In the near term, the most concrete work is observability and preparedness.
As explored, the signature threat model is driven by public-key exposure. This is why discussions often center on how Bitcoin’s existing wallet and scripting practices either reveal public keys early, as with some legacy script types, or reduce exposure by default, as with common wallet behavior that avoids reuse.
“Old BTC risk” is therefore largely a property of historical output types and reuse patterns and not something that suddenly applies evenly to every coin.
The second, more practical constraint is capacity. Even if a post-quantum migration were socially agreed upon, it would still be a blockspace and coordination problem.
River’s explainer summarizes academic estimates showing how sensitive timelines are to assumptions. A theoretical scenario in which all transactions are migrations can compress timelines dramatically, while more realistic blockspace allocation stretches a transition into years, even before accounting for governance and adoption.
BTQ’s testnet fits into that bucket. It lets engineers observe the operational costs of post-quantum signatures, including larger data sizes and different limits, in a Bitcoin-like setting, without claiming that Bitcoin is imminently breakable.
Did you know? The biggest factor holding quantum computers back is noise, or errors. Today’s qubits make mistakes frequently, so fault-tolerant error correction is required. This means using many physical qubits to produce a small number of reliable “logical” qubits before running the long computations needed to break real-world cryptography.
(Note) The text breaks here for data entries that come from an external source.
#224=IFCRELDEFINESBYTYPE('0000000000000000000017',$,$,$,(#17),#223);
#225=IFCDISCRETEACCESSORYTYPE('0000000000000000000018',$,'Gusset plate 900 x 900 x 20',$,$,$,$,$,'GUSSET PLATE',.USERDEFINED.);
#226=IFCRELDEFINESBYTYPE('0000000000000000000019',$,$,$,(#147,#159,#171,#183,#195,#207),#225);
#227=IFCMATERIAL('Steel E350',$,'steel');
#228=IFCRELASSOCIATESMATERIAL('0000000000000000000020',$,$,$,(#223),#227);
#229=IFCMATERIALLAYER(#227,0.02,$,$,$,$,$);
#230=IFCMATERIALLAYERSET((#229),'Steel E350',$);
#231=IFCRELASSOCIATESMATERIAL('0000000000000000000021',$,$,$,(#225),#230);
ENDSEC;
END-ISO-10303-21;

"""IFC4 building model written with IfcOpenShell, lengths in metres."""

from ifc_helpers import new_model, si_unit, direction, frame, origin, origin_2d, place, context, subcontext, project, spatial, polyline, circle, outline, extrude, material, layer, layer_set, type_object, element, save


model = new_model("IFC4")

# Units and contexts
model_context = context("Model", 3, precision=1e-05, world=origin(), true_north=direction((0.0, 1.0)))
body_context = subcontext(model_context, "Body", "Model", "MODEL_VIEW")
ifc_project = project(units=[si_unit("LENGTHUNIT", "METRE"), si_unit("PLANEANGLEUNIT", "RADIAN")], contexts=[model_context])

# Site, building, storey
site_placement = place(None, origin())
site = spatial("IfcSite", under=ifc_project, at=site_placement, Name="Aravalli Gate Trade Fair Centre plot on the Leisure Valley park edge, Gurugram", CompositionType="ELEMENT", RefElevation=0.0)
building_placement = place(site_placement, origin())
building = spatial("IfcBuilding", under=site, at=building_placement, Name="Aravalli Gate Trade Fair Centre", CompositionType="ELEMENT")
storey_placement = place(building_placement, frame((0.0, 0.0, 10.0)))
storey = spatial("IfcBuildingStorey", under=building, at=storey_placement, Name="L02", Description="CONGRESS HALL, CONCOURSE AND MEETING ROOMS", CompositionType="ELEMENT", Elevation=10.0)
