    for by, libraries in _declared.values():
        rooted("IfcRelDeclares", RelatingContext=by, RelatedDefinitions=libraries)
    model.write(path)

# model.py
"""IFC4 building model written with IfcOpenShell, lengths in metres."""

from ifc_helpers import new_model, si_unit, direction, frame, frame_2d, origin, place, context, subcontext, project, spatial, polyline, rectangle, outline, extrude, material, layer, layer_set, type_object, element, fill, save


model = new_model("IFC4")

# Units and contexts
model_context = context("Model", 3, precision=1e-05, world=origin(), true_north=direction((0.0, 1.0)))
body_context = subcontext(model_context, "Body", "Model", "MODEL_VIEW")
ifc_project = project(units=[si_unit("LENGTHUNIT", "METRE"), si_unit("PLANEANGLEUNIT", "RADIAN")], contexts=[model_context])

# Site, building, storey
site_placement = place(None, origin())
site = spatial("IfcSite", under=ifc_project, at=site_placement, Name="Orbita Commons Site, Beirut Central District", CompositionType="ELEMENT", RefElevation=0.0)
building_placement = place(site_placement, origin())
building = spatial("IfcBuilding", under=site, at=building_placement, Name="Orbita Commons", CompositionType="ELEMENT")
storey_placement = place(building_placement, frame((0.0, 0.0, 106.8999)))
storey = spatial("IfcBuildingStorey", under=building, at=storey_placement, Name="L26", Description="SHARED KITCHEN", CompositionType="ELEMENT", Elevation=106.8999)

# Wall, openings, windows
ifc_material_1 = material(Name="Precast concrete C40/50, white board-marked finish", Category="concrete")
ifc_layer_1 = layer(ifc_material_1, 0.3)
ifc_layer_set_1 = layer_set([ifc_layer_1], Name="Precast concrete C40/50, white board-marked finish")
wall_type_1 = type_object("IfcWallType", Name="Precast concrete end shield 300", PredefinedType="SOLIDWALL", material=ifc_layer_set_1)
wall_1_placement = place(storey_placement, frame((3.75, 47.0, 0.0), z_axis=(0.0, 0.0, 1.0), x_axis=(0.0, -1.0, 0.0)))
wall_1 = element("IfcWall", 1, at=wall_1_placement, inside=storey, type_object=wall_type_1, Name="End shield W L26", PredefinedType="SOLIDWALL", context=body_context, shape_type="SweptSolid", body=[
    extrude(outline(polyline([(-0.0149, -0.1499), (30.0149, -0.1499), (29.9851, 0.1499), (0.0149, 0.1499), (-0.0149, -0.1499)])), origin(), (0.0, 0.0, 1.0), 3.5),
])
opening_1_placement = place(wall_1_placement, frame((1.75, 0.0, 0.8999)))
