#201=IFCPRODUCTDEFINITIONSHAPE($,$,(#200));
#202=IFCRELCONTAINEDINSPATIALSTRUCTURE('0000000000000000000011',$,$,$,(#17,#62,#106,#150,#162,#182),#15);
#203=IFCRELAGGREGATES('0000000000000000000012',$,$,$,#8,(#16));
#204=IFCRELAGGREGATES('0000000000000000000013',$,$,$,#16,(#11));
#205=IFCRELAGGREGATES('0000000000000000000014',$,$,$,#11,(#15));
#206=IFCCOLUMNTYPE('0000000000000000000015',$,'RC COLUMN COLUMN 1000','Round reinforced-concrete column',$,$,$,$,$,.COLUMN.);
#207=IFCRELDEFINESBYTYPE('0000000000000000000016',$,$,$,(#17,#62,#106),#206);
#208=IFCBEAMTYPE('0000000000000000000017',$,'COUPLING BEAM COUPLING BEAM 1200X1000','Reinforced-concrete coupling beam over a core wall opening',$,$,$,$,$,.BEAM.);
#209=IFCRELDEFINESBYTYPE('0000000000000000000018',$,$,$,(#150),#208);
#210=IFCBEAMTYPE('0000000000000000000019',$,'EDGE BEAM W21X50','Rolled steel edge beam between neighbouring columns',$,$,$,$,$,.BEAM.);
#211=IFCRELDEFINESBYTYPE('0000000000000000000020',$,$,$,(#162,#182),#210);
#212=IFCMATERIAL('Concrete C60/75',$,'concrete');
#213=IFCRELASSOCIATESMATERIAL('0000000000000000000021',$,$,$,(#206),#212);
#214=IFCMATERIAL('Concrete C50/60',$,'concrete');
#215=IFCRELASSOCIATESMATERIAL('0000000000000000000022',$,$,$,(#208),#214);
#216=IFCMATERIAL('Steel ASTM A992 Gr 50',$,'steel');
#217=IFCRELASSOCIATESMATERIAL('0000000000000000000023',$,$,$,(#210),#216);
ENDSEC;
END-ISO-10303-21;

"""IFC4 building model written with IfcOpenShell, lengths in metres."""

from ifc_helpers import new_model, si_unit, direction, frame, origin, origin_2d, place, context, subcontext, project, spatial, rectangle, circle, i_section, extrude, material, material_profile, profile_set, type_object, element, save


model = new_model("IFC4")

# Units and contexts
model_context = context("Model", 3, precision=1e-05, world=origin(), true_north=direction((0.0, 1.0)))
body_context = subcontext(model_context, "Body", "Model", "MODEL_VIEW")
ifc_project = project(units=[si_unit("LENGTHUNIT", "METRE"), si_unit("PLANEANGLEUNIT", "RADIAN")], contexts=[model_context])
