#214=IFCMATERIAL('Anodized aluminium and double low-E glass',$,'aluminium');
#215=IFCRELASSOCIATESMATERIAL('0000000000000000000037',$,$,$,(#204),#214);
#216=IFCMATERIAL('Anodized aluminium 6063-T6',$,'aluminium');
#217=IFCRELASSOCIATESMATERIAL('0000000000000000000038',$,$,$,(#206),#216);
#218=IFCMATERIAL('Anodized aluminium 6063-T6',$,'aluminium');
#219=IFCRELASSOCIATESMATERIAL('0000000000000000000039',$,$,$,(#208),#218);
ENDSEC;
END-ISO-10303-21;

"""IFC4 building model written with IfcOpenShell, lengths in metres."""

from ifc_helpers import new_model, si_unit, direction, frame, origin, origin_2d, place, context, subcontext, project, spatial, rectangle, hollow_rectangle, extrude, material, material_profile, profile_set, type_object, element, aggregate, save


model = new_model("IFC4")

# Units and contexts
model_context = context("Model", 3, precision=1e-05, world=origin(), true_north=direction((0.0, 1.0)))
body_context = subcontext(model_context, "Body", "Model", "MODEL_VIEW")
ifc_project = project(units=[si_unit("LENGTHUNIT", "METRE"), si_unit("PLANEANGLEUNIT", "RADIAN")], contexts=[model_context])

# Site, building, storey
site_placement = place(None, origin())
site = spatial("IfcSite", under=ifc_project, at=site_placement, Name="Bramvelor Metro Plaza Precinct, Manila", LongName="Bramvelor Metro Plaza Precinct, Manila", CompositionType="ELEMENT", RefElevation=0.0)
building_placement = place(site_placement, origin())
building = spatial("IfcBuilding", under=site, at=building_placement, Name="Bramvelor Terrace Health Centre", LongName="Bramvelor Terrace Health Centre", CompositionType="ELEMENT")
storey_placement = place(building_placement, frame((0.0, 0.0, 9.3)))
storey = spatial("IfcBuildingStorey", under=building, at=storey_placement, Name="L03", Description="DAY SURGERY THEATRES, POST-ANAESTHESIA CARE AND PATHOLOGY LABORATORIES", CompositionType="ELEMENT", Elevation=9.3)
At the protocol level, quantum preparedness is often discussed as a sequenced path.
Post-quantum signature schemes tend to be much larger than elliptic-curve signatures, which have knock-on effects for transaction size, bandwidth and verification costs; the same kinds of trade-offs BTQ is surfacing by experimenting with ML-DSA.
That is why some Bitcoin proposals focus first on reducing the most structural exposure within existing script designs, without committing the network to a specific post-quantum signature algorithm immediately.
A recent example is Bitcoin Improvement Proposal (BIP) 360, which proposes a new output type called Pay-to-Tapscript-Hash (P2TSH). P2TSH is nearly identical to Taproot but removes the key-path spend, the path that relies on elliptic-curve signatures, leaving a tapscript-native route that can be used in ways intended to avoid that key-path dependency.
Related ideas have circulated on the Bitcoin developer mailing list under the broader “hash-only” or “script-spend” Taproot family, often discussed as Pay-to-Quantum-Resistant-Hash (P2QRH)-style constructions. These proposals again aim to reuse Taproot’s structure while skipping the quantum-vulnerable key spend.
Importantly, none of this is settled. The main point is that Bitcoin’s likely response, if it moves, is debated as an incremental coordination problem that balances conservatism, compatibility and the cost of changing the transaction format.
BTQ’s Bitcoin Quantum testnet does not settle the quantum debate, but it does make two points harder to ignore.
First, most credible threat models focus on where public keys are already exposed, which is why “old coin” patterns keep appearing in analyses.
Second, post-quantum Bitcoin is an engineering and coordination problem. BTQ Technologies’ own design choices, such as moving to ML-DSA and lifting block limits to accommodate much larger signatures, illustrate those trade-offs.
Ultimately, the testnet is a sandbox for measuring costs and constraints and should not be seen as proof that Bitcoin is imminently breakable.